The remaining 8 phylogenetic trees are shown in supplementary Fig.
S3-S10 associated with the VP1-VP3, VP6, and NSP1-NSP5 genes. Indonesian
reassortant G9P[4]/P[6]-DS-1-like strains exhibited the most
significant genetic closeness to the G9P[4] DS-1-like strains
detected in the Czech Republic in 2018, along with other contemporary
DS-1-like RVA strains. Notably, these Indonesian strains differed
slightly from G9P[4]-DS-1-like strains identified during the period
from 2011 to 2015. Furthermore, the VP1-VP3, VP6, and NSP1-NSP5 genes in
most of the Indonesian reassortant G9 DS-1-like strains showed genetic
variations different from those observed in the equine-like G3P[8]

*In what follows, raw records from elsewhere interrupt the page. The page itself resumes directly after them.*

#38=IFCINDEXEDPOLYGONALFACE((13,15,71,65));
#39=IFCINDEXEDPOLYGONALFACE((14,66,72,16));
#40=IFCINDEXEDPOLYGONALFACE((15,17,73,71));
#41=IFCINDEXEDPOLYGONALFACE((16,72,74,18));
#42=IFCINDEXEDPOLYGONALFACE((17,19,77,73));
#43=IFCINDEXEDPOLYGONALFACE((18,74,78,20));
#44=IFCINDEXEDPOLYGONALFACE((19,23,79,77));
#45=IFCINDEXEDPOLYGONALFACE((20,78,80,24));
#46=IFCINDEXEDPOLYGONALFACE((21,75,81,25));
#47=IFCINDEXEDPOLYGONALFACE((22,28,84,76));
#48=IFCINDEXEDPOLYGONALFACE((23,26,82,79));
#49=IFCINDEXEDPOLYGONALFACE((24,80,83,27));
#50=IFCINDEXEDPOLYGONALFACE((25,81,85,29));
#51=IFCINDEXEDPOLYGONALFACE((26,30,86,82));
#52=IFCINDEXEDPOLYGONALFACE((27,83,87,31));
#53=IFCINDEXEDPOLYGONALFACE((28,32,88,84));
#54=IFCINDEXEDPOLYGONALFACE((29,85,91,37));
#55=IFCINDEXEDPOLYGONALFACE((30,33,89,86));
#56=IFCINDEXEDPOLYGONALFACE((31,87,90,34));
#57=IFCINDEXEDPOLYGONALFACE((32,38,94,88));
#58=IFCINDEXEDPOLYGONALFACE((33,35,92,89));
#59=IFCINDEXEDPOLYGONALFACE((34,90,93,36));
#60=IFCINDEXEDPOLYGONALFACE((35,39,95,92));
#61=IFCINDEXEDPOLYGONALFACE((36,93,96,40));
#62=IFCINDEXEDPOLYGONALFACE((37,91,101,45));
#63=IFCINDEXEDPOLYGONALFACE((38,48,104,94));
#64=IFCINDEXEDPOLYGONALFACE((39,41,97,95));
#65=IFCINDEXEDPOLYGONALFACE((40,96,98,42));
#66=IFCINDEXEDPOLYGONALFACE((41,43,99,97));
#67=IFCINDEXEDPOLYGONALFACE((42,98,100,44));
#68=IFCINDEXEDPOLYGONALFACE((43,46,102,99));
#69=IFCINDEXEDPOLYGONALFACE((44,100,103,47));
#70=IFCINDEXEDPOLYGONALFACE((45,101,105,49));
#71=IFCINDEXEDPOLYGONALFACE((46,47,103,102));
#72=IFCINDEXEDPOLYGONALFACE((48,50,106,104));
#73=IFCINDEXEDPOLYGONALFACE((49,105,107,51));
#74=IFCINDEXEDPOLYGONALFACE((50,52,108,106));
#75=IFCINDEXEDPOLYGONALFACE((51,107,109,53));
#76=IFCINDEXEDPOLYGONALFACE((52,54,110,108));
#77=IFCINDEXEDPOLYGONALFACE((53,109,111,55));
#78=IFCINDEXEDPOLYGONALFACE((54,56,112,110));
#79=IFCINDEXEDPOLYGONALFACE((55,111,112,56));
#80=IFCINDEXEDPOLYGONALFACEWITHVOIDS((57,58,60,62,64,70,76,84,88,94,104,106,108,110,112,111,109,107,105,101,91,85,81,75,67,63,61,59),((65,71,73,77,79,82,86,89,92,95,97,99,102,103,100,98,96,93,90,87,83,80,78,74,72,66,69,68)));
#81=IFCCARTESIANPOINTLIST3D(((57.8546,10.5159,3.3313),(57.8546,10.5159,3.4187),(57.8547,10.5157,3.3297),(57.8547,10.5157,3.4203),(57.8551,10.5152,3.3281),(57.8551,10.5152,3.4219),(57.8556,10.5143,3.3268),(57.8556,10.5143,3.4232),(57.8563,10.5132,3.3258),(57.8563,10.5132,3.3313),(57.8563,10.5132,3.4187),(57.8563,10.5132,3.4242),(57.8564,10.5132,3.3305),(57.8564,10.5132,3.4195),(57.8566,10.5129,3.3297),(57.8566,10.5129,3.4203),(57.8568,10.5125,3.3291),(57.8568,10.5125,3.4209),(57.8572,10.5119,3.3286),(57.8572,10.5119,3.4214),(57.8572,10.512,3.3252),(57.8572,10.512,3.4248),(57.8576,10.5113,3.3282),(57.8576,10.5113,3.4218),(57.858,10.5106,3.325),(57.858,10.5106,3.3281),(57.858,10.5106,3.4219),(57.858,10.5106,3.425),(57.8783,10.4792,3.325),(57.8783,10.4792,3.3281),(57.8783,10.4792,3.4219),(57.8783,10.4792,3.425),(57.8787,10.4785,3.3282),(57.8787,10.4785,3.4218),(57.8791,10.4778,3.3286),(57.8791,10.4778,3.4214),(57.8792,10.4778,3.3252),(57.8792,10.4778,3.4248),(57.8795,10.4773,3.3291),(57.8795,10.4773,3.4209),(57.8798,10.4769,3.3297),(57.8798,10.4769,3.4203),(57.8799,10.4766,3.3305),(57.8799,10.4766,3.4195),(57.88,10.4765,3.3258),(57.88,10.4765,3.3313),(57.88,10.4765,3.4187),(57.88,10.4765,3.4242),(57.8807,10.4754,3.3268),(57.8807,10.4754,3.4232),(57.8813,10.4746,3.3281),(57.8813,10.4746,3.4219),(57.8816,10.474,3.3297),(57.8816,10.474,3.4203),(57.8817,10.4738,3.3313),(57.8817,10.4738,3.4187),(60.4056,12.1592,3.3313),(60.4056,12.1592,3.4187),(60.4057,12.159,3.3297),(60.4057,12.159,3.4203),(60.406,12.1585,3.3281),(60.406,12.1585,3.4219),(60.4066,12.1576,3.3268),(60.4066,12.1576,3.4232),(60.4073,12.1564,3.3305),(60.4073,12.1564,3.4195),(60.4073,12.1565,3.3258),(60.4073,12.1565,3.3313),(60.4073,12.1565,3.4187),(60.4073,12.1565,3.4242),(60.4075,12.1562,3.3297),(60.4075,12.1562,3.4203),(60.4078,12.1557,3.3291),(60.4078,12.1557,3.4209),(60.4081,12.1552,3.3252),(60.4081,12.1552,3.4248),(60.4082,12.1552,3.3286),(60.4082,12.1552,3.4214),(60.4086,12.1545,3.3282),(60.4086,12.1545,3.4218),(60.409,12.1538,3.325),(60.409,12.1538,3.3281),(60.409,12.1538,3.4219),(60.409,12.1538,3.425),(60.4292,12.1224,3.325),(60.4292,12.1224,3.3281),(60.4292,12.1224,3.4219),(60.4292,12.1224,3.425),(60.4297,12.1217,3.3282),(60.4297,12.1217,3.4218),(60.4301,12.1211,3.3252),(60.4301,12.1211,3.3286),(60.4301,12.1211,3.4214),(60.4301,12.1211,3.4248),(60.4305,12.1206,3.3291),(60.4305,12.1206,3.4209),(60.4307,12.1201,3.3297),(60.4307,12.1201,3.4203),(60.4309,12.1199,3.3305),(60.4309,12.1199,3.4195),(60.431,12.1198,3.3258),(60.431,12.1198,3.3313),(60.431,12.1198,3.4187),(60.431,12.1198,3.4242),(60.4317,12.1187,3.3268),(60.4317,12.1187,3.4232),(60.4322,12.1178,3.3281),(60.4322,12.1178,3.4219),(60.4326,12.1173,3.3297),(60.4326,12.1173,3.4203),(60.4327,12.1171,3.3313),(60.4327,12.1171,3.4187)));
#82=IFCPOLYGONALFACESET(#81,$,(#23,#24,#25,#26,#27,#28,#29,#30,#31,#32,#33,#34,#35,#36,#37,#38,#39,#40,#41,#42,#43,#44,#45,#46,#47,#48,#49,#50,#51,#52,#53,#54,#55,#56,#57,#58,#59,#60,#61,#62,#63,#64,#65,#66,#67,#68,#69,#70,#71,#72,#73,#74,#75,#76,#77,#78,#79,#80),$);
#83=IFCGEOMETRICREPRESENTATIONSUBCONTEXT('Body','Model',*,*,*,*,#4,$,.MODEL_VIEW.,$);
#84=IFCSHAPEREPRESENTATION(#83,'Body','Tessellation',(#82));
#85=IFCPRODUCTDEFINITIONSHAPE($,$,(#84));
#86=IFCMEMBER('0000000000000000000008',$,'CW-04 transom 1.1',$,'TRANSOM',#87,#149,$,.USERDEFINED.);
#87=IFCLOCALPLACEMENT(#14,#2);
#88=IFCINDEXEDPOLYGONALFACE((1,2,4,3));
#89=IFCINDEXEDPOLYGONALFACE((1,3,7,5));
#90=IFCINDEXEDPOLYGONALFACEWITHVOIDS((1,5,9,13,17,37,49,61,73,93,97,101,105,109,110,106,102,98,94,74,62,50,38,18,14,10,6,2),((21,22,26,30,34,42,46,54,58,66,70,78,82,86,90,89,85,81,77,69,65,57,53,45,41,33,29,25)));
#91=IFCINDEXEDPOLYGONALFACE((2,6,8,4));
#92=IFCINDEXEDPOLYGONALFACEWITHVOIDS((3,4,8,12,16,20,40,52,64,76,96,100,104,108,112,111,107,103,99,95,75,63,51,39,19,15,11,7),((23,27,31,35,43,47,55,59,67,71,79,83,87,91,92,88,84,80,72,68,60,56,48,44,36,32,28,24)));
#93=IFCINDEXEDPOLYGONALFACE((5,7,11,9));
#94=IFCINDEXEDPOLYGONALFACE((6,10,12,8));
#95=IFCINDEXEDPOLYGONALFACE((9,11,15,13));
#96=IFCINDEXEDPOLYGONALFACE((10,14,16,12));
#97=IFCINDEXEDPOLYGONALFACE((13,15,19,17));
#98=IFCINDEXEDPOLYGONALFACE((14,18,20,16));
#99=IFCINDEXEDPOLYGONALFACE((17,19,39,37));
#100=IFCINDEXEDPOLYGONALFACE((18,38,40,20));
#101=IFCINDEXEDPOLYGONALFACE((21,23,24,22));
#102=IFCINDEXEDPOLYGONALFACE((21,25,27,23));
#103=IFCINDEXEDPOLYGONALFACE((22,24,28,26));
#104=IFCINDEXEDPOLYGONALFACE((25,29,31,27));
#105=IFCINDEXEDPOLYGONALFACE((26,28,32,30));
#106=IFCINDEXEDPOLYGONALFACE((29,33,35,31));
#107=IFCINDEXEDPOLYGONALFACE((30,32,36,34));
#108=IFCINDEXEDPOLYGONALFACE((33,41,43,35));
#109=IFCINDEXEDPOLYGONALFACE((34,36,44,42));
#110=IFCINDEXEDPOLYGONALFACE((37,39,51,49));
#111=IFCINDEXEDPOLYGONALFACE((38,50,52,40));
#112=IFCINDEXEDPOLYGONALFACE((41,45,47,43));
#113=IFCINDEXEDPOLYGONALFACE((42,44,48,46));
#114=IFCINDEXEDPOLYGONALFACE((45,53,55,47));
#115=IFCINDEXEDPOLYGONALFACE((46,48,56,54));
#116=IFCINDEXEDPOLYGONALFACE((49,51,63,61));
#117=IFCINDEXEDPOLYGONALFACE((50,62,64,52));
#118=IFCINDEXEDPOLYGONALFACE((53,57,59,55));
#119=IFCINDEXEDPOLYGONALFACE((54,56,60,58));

strains found in Indonesia during 2015-2016. Notably, three strains
detected in 2021-2022 (SOEP-733, SOEP-735, and SOEP-740) in this study
showed similar genetic distances in the NSP3 and NSP4 genes to the
equine-like G3P[8] strains.
Bayesian evolutionary analysis
To understand the origin and emergence timeline for unusual
G9P[4] strains in Indonesia, we performed Bayesian evolutionary
analysis on the G9-VP7, P[4]-VP4 and N1-NSP2 genes (Fig.3, Fig. 4,
Suppl. Fig. S2). This analysis of the sequence data over time from the
GenBank database enabled the estimation of substitution rates and the
time of tMRCA for the G9P[4] genotype. Maximum clade credibility
(MCC) trees were constructed using the Bayesian MCMC framework. The
estimated time of tMRCA for the VP7 MCC tree including G9 was in 2004
with a 95% highest probability density (HPD) interval of 2001-2021.The estimated evolution rate was 6.43 × 10-3(4.12-8.74 × 10-3) (nt substitutions/site/year)(Fig. 3). The tMRCA for the P[4]-VP4 strains was 1994 (95%
HPD interval 1990-2021) and the estimated evolution rate was 2.53 ×
10-3 (1.54-3.52 × 10-3) (Fig. 4).
The tMRCA of the P[6]-VP4 strains was 2008 (95% HPD interval
2000-2021), and the estimated evolution rate was 2.11 ×
10-3 (1.35-2.86 × 10-3) (Fig. 4).
Within the G9P[4] strains, the NSP2 gene of the reassortant G9-N1
strains diverged from the typical DS-1-like G9-N2 strains in 2003 (95%
HPD interval 2000-2021) with the estimated evolution rate of 7.05 ×
10-3 (4.22-9.88 × 10-3) and in 1998
(95% HPD interval 1996-2021) with the estimated evolution rate of 1.85
× 10-3 (1.48-2.22 × 10-3) (Suppl.
Fig. S2). Based on the NSP2 MCC tree, the G9-N1 reassortment started in
2011 and was found in several countries such as the Czech Republic in
2018 and in India in 2013. The 11 segments of the unusual G9P[4]
Indonesian strain had high nucleotide identities with all the segments
from the Czech Republic (VP1-4, VP6, VP7, NSP1-5) ranging from
99.6-99.8% and were clustered into the same lineage.